Special Options

• Special Options
  • Collocated Cokriging
  • Rescaled Cokriging
  • Filtering Model Components
  • Use Local Anisotropies
  • Use Uncertain Data
  • Take Faults into account
  • Reset negative weights to zero
  • Use customized output selection

This page depends on the options selected on the previous page.

Collocated Cokriging

Collocated Cokriging/Cosimulations is a particular case of cokriging/cosimulations a main variable using one or several auxiliary variables densely sampled.

The auxiliary variables are supposed to be known everywhere, i.e. at the input file sample locations and at the output file sample locations.

However the estimation at a given output file sample location makes only use of the values of the auxiliary variables collocated at this point and at the input file samples selected in the neighborhood search.

This method requires that a multivariate model be fitted to the main and auxiliary data variables, it should therefore have been specified in the Geostatistical Set.

In general Collocated Cokriging is less precise than a full cokriging (making use of the auxiliary variable at all the output file sample locations when estimating each of these). Exceptions are models where the cross variogram (or covariance) between 2 variables is proportional to the variogram (or covariance) of the auxiliary variables. In this case collocated cokriging coincides with full cokriging but is also strictly equivalent to the simple method consisting in kriging the residual of the linear regression of the main variable on the auxiliary variable.
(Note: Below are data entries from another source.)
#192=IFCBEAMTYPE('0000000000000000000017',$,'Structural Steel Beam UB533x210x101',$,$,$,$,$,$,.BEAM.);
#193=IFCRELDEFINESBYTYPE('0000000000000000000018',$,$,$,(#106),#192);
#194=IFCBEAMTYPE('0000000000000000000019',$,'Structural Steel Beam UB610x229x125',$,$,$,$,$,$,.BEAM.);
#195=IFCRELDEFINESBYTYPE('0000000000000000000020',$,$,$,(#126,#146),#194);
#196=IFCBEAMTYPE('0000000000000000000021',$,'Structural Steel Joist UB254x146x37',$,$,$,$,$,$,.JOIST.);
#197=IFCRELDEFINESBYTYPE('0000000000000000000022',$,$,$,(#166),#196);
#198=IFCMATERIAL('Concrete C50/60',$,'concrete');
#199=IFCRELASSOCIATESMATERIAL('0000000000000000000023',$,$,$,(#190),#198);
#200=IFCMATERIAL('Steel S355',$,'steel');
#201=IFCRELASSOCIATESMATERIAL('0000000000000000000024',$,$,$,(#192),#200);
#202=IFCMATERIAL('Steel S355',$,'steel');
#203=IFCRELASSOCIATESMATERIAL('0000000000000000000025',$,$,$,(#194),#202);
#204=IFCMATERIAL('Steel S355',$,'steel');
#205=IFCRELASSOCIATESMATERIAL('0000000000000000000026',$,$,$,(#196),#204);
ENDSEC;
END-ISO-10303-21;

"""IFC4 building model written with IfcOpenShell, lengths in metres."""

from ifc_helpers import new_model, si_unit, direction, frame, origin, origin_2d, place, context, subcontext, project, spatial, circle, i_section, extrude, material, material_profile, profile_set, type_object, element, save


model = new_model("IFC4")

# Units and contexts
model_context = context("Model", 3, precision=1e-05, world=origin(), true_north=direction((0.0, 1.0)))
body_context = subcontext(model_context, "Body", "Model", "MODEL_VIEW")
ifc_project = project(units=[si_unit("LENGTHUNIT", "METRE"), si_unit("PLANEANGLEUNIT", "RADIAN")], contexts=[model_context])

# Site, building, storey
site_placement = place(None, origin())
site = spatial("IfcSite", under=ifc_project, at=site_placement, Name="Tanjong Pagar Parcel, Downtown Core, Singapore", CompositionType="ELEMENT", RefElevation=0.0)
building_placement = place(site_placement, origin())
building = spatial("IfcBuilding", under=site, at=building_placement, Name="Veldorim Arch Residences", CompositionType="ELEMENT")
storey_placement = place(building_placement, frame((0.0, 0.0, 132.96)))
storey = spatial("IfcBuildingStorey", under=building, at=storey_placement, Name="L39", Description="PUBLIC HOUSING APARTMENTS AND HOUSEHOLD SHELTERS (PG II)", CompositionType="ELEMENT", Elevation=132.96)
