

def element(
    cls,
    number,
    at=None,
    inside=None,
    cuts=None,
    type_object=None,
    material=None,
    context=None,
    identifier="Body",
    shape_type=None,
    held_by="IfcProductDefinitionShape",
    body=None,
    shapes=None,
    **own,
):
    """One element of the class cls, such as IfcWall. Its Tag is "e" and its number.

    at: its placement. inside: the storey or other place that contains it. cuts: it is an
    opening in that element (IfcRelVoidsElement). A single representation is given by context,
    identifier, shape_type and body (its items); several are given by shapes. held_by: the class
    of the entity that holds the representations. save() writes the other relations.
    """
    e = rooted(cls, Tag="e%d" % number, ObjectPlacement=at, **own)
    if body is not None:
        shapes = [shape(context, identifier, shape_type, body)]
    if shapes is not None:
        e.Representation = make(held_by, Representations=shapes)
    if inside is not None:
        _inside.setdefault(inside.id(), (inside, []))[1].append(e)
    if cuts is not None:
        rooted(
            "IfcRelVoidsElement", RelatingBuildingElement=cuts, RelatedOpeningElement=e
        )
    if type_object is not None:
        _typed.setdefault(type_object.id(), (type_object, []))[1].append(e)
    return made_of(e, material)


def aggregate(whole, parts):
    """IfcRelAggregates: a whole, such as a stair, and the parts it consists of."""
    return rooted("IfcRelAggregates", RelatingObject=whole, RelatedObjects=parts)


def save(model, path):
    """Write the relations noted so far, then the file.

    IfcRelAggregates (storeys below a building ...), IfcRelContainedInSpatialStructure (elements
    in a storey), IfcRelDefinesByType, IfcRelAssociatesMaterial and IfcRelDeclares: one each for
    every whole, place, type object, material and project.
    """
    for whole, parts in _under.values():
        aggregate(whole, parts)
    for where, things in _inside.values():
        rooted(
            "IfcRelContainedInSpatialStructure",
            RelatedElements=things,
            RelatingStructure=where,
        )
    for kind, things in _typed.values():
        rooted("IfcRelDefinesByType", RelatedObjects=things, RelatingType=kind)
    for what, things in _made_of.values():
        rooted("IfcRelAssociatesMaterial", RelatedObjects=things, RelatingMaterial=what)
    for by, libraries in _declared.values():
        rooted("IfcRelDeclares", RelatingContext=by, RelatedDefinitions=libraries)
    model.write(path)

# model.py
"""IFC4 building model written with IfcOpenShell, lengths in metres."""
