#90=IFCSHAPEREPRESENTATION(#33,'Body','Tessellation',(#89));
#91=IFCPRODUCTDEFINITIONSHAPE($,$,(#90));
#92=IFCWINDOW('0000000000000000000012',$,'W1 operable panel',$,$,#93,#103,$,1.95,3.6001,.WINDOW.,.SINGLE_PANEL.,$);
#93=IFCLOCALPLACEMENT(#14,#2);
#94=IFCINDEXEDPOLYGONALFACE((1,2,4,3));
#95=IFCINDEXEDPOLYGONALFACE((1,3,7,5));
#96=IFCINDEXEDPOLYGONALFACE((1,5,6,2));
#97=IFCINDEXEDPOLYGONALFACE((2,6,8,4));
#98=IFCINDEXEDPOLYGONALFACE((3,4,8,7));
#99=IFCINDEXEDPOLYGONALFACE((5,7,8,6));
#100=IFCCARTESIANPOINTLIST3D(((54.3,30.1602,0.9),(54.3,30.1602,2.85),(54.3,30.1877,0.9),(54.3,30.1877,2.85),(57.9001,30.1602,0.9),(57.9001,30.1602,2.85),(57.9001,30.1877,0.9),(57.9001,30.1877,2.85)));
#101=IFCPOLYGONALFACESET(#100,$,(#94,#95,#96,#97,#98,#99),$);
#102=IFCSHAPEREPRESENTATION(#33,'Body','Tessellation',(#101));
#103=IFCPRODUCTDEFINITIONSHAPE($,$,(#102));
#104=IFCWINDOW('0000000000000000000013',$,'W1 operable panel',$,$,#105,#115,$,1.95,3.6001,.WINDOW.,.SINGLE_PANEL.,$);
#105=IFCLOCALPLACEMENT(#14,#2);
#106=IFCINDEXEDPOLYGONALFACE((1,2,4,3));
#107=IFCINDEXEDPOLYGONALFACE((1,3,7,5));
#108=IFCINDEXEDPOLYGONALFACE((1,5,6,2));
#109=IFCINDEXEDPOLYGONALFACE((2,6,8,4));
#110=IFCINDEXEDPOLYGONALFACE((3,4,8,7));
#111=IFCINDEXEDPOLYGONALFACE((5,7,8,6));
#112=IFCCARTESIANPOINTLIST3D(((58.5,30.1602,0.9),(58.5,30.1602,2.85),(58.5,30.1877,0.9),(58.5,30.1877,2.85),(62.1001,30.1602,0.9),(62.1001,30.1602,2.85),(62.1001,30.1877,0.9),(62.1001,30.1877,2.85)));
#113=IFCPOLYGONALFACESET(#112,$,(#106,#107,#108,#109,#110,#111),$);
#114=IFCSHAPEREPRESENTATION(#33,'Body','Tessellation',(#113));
Note:If these variables are not consistent, the unbiasedness condition of Kriging no longer holds and the estimation results are unpredictable.

The Collocated Cokriging parameters are required if the Collocated Cokriging or Cosimulations Special Option has been chosen in the previous page. The objective is to inform the auxiliary variable(s) to be used for Collocated Cokriging/Cosimulations. The collocated variable(s) must match with one or several of the input data variables. It corresponds to the auxiliary variable which is defined simultaneously at the sample locations and at the target locations.

The collocated variable(s) can be located on the same output grid as the variable of interest. In this way, choose the Only Output Grid mode. Or the collocated variable(s) can be located on a different grid. In this way, choose the Only Auxiliary Grid mode and define the Data Table and an optional Selection on which the collocated variable(s) are. Then use the different selectors to indicate which collocated variable corresponds to each input variable. The variable of interest must be stay empty. If the Only Auxiliary Grid mode has been chosen, the collocated variable(s) will be interpolated on the final output grid using a bilinear interpolation.

Note: Although this variable is defined in the output file, it is used as input information for Collocated Cokriging. Therefore, it must have values at target locations - no target points where the Collocated Variable is undefined will be estimated.

Rescaled Cokriging

Rescaled Ordinary Cokriging (sometimes referred as "Standardized ordinary kriging", SOCK) is a method that aims at reducing the risk of negative estimates because of negative weights assigned by Ordinary Cokriging to the secondary variables. The rescaled cokriging system replaces for n variables the n universality conditions required for unbiasedness by a single condition: the sum of all weights of all variables is equal to 1. Under the single universality condition the rescaled cokriging estimate is unbiased after having rescaled the secondary variables so that their means are equal to that of the primary variable. Consequently the values of the means of all variables must be known. Practically the means are provided exactly in the same way as for Simple Kriging (i.e. by checking the Strict stationarity option available in the Context section of the Variogram calculation in the Exploratory Data Analysis task). This option may be chosen when cokriging at least two variables.

The option is only available when a multivariate model has been fitted and strict stationarity has been specified in the input geostatistical set.

Note: This method was implemented from the following source: P. Ordinary cokriging revisited. Math. Geol. 30, 21, 1998. Goovaerts.

This method does not require any additional parameter than the means provided in the Geostatistical set.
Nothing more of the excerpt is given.